Artificial intelligence could be a game changer as scientists work to combat the growing threat of antibiotic resistance.
Today, as the world emerges from the Covid-19 pandemic, another severe global health challenge is materializing: the growing ineffectiveness of antibiotics. Bacterial resistance is something that occurs naturally, but the ubiquitous overuse of antibiotics means antimicrobial resistance (AMR) can now be classified as a major global health threat.
Antibiotics, which are essentially medications that destroy or slow down the growth of bacteria, are critical drugs, long hailed as one of modern medicine’s most important discoveries. Many can successfully treat bacterial infections, preventing the spread of disease and reducing serious disease-related complications.
But the efficacy of many antibiotics is now far lower than it used to be, while some have been rendered completely ineffective. High rates of resistance to antibiotics used to treat many common bacterial infections—including urinary tract infections, sepsis, pneumonia, tuberculosis, sexually transmitted infections and some forms of diarrhea—have been observed across the world, indicating that we are rapidly running out of antibiotics that work.
A Silent Pandemic
Growing levels of AMR have led to the emergence of so-called “superbugs”, such as MRSA (methicillin-resistant Staphylococcus aureus), Clostridium difficile (C. diff), and the bacteria that cause multidrug-resistant tuberculosis (MDR-TB).
These are increasingly potent causes of death and disability across the world. The World Health Organisation (WHO) estimates that 700,000 people die of antimicrobial-resistant infections each year. This number could soar to 10 million a year by 2050 unless solutions are found.
David Sweetnam is the chairman of the Ineos Oxford Institute which is working to tackle the growing threat of AMR. He explained:
“AMR is a silent pandemic. The idea of having a world without antibiotics is unthinkable. But if we don’t counter the threat, one thing is for sure: bacteria will evolve and make our entire antibiotic stock irrelevant.”
AI to the Rescue
Over the last few years, artificial intelligence (AI) has proven to be an increasingly important asset for managing and mitigating antibiotic resistance. Today, it is being applied to accelerate antibiotic discovery, aid clinicians in antibiotic therapy optimization and predict where outbreaks may occur.
Between 2014 and 2019, only 14 new antibiotics were developed and approved, while only a small fraction of the antibiotics approved over the past 40 years represent new compound classes. As with other classes of drugs, however, AI is starting to help scientists discover novel antibiotics more quickly and accurately than conventional methods have allowed in the past.
In February 2020, for example, scientists at the Massachusetts Institute of Technology (MIT) employed deep learning to discover a powerful new antibiotic. The AI model used was designed to identify compounds that kill bacteria using different mechanisms to those of existing antibiotics and was capable of screening over a hundred million candidates in a few days.

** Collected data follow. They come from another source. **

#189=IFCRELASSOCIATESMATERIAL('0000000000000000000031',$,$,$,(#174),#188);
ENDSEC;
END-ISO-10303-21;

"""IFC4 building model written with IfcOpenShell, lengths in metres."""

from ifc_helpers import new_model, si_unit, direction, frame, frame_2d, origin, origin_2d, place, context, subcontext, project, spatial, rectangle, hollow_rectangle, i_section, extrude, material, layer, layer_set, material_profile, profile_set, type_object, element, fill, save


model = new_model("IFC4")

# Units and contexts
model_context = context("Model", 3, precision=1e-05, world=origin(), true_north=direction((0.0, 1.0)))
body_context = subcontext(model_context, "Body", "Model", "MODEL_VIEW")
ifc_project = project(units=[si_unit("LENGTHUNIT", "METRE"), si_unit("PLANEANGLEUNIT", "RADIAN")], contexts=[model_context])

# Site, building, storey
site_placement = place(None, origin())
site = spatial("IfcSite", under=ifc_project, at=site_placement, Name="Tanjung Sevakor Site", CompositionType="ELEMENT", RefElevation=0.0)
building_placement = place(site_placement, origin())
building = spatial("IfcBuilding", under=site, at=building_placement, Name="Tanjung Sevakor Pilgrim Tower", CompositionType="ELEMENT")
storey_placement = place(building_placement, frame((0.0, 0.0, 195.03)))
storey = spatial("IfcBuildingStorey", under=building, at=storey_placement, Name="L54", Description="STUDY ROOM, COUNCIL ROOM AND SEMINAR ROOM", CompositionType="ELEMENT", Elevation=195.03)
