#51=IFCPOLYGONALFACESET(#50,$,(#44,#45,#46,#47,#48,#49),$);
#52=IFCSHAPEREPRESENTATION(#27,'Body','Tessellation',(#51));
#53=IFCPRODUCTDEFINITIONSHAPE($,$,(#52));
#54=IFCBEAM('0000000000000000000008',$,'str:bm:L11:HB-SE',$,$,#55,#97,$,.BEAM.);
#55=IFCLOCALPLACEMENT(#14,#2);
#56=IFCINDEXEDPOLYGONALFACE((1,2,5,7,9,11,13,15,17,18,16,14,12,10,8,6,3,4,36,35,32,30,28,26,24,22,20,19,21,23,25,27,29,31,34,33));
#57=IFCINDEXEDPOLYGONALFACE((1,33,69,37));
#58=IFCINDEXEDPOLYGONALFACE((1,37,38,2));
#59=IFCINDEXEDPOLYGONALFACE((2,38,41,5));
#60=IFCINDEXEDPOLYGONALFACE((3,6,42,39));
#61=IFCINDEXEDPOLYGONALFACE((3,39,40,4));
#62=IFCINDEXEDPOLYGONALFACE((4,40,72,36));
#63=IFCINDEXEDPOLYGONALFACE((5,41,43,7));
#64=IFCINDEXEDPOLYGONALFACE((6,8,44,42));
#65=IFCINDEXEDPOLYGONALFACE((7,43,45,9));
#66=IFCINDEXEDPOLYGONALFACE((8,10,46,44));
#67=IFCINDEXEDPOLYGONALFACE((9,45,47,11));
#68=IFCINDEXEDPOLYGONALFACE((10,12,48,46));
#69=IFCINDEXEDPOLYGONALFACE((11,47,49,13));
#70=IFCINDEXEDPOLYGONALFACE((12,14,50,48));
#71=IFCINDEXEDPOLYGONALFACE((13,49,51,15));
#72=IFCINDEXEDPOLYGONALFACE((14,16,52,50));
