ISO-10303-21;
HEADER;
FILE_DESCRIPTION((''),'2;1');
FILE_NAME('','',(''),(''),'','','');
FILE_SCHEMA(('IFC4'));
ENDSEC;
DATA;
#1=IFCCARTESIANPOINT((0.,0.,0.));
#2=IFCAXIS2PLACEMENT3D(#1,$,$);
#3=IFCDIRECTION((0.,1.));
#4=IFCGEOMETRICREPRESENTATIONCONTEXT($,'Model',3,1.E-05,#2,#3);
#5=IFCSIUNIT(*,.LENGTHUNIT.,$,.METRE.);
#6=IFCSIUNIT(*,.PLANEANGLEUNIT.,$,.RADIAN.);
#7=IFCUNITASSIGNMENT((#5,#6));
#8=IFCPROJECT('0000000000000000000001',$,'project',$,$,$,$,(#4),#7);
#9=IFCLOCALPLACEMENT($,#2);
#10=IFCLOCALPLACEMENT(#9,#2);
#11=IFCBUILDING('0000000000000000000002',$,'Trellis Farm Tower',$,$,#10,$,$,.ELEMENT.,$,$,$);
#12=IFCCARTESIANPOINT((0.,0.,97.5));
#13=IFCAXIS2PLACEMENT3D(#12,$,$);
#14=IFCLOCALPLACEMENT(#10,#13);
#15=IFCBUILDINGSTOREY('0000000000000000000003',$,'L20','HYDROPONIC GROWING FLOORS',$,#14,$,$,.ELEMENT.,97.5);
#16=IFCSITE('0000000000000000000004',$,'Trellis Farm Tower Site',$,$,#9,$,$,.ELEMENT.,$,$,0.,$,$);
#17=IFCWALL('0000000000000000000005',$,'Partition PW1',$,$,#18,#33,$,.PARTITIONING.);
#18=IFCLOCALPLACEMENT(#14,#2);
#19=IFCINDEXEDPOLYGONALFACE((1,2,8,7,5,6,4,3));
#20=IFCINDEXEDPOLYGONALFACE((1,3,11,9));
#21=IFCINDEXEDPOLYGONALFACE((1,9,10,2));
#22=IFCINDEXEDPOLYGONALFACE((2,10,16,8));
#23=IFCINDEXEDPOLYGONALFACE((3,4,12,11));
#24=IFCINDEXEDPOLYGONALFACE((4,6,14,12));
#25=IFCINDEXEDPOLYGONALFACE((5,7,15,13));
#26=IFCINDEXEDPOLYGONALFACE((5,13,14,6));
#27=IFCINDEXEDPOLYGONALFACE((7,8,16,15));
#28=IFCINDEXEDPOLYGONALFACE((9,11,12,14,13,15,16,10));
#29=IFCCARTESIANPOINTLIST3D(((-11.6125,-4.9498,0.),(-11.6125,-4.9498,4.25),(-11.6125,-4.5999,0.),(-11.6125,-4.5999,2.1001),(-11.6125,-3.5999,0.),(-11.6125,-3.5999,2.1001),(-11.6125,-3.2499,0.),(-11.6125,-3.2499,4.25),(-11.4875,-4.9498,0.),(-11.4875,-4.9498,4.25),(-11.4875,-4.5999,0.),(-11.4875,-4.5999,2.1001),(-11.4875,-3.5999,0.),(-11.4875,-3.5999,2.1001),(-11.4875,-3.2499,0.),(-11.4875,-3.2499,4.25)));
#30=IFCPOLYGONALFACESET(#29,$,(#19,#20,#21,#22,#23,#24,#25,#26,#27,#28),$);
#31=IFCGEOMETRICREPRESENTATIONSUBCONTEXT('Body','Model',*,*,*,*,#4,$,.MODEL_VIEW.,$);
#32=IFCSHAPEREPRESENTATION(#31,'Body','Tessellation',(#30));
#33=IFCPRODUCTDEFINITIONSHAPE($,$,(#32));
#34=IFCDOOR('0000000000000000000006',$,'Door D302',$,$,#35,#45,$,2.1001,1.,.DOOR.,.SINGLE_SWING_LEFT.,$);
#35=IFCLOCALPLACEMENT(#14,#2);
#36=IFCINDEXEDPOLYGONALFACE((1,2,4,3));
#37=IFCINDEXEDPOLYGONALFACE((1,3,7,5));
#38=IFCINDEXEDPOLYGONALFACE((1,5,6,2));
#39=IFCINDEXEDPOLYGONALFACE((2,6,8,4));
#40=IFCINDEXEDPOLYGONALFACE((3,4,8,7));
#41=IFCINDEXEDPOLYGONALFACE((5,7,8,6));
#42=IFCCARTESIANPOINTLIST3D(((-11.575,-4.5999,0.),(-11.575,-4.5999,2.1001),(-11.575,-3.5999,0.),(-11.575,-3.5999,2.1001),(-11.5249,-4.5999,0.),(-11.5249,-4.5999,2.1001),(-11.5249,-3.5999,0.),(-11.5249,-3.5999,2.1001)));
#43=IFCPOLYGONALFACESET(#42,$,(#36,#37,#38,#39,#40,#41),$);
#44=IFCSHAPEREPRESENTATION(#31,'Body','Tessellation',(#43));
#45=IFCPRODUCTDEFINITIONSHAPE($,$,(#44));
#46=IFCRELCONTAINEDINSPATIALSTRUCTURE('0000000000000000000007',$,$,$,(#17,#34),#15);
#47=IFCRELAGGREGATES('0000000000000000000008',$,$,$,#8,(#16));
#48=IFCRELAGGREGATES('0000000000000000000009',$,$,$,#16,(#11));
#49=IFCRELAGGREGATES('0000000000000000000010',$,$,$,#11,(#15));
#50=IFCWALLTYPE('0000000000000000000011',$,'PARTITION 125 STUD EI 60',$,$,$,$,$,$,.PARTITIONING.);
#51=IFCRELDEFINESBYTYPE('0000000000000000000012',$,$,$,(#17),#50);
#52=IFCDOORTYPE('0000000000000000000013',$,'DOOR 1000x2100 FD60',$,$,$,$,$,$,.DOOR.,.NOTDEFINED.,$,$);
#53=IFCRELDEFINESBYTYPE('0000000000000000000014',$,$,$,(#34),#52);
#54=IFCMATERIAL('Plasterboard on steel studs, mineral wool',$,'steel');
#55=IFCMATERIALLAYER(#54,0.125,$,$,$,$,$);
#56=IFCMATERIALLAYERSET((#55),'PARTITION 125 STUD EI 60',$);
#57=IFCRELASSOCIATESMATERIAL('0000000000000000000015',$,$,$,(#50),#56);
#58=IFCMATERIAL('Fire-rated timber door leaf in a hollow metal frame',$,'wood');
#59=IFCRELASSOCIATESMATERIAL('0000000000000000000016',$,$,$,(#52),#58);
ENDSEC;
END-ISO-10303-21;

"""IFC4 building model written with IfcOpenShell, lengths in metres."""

from ifc_helpers import new_model, si_unit, direction, frame, frame_2d, origin, place, context, subcontext, project, spatial, rectangle, extrude, source, transform, mapped, material, layer, layer_set, type_object, element, fill, save


model = new_model("IFC4")

# Units and contexts
model_context = context("Model", 3, precision=1e-05, world=origin(), true_north=direction((0.0, 1.0)))
body_context = subcontext(model_context, "Body", "Model", "MODEL_VIEW")
ifc_project = project(units=[si_unit("LENGTHUNIT", "METRE"), si_unit("PLANEANGLEUNIT", "RADIAN")], contexts=[model_context])

# Site, building, storey
site_placement = place(None, origin())
site = spatial("IfcSite", under=ifc_project, at=site_placement, Name="Trellis Farm Tower Site", CompositionType="ELEMENT", RefElevation=0.0)
building_placement = place(site_placement, origin())
building = spatial("IfcBuilding", under=site, at=building_placement, Name="Trellis Farm Tower", CompositionType="ELEMENT")
storey_placement = place(building_placement, frame((0.0, 0.0, 97.5)))
storey = spatial("IfcBuildingStorey", under=building, at=storey_placement, Name="L20", Description="HYDROPONIC GROWING FLOORS", CompositionType="ELEMENT", Elevation=97.5)

# Shared definitions
ifc_material_1 = material(Name="Plasterboard on steel studs, mineral wool", Category="steel")
ifc_layer_1 = layer(ifc_material_1, 0.125)
ifc_layer_set_1 = layer_set([ifc_layer_1], Name="PARTITION 125 STUD EI 60")
wall_type_1 = type_object("IfcWallType", Name="PARTITION 125 STUD EI 60", PredefinedType="PARTITIONING", material=ifc_layer_set_1)

# Wall, opening, door
shared_shape_1 = source(origin(), body_context, "Body", "SweptSolid", [
    extrude(rectangle(XDim=1.7, YDim=0.125, at=frame_2d((0.8501, 0.0))), origin(), (0.0, 0.0, 1.0), 4.25),
])
wall_1_placement = place(storey_placement, frame((-11.55, -4.95, 0.0), z_axis=(0.0, 0.0, 1.0), x_axis=(0.0, 1.0, 0.0)))
wall_1 = element("IfcWall", 1, at=wall_1_placement, inside=storey, type_object=wall_type_1, Name="Partition PW1", PredefinedType="PARTITIONING", context=body_context, shape_type="MappedRepresentation", body=[
    mapped(shared_shape_1, transform((0.0, 0.0, 0.0))),
])
shared_shape_2 = source(origin(), body_context, "Body", "SweptSolid", [
    extrude(rectangle(XDim=1.0, YDim=2.1001, at=frame_2d((0.5, 1.05))), frame((0.0, 0.0725, 0.0), z_axis=(0.0, -1.0, 0.0), x_axis=(1.0, 0.0, 0.0)), (0.0, 0.0, 1.0), 0.145),
])
opening_1_placement = place(wall_1_placement, frame((0.3501, 0.0, 0.0)))
opening_1 = element("IfcOpeningElement", 2, at=opening_1_placement, cuts=wall_1, PredefinedType="OPENING", context=body_context, shape_type="MappedRepresentation", body=[
    mapped(shared_shape_2, transform((0.0, 0.0, 0.0))),
])
ifc_material_2 = material(Name="Fire-rated timber door leaf in a hollow metal frame", Category="wood")
door_type_1 = type_object("IfcDoorType", Name="DOOR 1000x2100 FD60", OperationType="NOTDEFINED", PredefinedType="DOOR", material=ifc_material_2)
shared_shape_3 = source(origin(), body_context, "Body", "SweptSolid", [
    extrude(rectangle(XDim=1.0, YDim=2.1001, at=frame_2d((0.5, 1.05))), frame((0.0, 0.0249, 0.0), z_axis=(0.0, -1.0, 0.0), x_axis=(1.0, 0.0, 0.0)), (0.0, 0.0, 1.0), 0.05),
])
door_1_placement = place(opening_1_placement, origin())
door_1 = element("IfcDoor", 3, at=door_1_placement, inside=storey, type_object=door_type_1, Name="Door D302", OperationType="SINGLE_SWING_LEFT", OverallHeight=2.1001, OverallWidth=1.0, PredefinedType="DOOR", context=body_context, shape_type="MappedRepresentation", body=[
    mapped(shared_shape_3, transform((0.0, 0.0, 0.0))),
])
fill(opening_1, door_1)

save(model, "model.ifc")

James Collins is the Termeer Professor of Medical Engineering and Science in MIT’s Institute for Medical Engineering and Science (IMES) and Department of Biological Engineering. He said:
“We wanted to develop a platform that would allow us to harness the power of artificial intelligence to usher in a new age of antibiotic drug discovery. Our approach revealed this amazing molecule which is arguably one of the more powerful antibiotics that has been discovered.”
Enhanced Diagnostics and Treatment
Conventional methods of diagnosing AMR are neither rapid nor intuitive. Standard antimicrobial susceptibility testing takes more than 24 hours, for example, whereas whole-genome sequencing requires the expertise of a bioinformatician and the processing of huge quantities of data.

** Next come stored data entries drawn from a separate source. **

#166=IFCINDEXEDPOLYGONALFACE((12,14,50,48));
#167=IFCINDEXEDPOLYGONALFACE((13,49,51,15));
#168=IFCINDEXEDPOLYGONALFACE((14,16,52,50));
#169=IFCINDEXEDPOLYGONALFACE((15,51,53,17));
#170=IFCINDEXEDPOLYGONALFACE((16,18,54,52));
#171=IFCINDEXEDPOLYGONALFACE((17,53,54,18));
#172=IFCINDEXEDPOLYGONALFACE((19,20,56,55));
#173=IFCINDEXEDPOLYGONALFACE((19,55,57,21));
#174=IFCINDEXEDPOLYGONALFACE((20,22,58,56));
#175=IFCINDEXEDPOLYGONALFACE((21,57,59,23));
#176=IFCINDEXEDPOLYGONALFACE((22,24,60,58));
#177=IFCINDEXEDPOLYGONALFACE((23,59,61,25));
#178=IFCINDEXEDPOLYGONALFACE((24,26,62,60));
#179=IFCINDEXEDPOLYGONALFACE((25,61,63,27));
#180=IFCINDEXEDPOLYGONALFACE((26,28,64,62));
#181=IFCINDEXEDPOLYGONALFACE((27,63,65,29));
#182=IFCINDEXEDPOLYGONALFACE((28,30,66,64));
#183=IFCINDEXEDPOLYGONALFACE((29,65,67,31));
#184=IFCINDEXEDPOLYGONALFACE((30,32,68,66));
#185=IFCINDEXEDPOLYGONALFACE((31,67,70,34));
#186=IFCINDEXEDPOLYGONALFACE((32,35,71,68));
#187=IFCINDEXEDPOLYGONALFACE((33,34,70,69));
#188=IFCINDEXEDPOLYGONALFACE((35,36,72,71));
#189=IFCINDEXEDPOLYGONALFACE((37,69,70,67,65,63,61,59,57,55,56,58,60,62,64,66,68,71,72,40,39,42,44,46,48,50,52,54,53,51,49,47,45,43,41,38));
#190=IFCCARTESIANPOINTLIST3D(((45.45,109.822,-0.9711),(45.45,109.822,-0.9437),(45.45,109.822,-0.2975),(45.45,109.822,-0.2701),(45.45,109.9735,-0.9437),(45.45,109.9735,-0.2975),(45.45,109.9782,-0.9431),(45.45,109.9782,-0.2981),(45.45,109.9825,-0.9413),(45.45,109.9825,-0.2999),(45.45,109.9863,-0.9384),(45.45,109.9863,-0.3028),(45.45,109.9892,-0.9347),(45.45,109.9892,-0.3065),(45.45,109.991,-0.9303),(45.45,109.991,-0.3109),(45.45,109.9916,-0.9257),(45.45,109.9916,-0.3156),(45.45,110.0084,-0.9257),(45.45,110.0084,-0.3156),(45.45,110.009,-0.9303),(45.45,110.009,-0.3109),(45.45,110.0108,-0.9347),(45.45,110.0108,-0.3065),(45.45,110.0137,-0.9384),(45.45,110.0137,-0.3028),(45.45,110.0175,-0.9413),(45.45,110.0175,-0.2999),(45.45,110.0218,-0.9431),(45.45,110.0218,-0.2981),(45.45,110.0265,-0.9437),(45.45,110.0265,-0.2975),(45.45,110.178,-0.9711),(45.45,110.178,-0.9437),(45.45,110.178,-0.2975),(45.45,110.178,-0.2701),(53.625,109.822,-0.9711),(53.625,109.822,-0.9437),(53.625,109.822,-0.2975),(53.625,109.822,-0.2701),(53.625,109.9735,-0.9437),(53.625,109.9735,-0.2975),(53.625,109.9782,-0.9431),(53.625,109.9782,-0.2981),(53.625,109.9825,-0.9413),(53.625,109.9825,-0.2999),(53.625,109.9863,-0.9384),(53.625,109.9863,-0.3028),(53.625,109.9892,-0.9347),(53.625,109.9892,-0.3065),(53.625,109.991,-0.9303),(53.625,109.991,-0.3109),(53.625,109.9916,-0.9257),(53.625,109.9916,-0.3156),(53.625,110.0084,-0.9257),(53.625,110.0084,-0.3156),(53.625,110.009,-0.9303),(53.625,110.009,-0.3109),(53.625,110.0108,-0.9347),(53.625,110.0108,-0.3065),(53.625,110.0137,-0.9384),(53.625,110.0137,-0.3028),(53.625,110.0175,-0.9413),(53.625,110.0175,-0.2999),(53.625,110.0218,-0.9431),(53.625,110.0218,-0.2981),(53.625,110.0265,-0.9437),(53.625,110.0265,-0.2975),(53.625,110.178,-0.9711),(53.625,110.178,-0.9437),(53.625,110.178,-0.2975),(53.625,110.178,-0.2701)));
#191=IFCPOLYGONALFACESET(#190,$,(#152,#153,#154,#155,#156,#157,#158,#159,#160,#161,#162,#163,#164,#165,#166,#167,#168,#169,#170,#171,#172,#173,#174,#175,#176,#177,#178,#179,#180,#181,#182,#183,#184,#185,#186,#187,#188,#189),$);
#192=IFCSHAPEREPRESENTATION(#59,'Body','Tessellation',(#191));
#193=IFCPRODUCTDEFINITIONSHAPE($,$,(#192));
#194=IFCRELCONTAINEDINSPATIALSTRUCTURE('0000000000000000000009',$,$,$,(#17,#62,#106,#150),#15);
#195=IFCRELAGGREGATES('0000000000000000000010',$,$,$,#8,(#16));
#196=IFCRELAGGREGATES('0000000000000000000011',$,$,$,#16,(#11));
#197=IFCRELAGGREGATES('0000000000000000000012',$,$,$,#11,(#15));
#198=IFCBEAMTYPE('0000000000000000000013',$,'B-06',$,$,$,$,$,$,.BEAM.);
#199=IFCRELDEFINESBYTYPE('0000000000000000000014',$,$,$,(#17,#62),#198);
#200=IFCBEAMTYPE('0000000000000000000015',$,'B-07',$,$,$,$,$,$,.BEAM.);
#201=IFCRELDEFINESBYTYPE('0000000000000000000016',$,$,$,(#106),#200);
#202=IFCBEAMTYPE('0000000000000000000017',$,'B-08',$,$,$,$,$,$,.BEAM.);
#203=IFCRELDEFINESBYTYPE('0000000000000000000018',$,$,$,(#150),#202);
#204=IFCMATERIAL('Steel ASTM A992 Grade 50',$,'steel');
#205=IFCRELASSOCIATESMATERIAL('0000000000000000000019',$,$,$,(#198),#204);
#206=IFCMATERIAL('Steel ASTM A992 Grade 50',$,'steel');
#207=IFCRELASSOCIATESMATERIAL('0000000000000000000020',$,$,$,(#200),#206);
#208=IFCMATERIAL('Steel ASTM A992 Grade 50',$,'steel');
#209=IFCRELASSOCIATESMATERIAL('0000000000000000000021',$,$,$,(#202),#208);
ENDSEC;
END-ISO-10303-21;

Several studies have employed AI to shorten diagnostic times to as little as three hours, combining flow cytometry-assisted antimicrobial susceptibility testing with supervised machine learning.
Similarly, AI could boost the efficiency and interpretability of genome data management.
A crucial factor for reducing antibiotic-resistant bacteria is predicting where outbreaks may occur and what medications are impacted. AI may be an essential tool in this, determining resistance patterns from millions of global data points.
In 2022, an international team of scientists used AI to monitor levels of antibiotic-resistant bacteria around the world. The findings of the team, who used a dataset from Pfizer called ATLAS—one of the largest and most comprehensive AMR surveillance programs in the world—may help in the development of targeted strategies to combat AMR.
While AMR-related data derived from monitoring and surveillance systems such as ATLAS could largely benefit from AI-based analysis, there are still significant challenges. Professor Robert Beardmore of the University of Exeter’s Living Systems Institute, who led the study, explained:
“AI could help to solve the AMR problem, but national health agencies need to publish much more data for this to happen.
We should be tracking individuals in clinics all the time to get the data we need, rather than relying on thousands of dedicated clinical studies to cover all the cases, something that will probably never happen at the necessary scale.”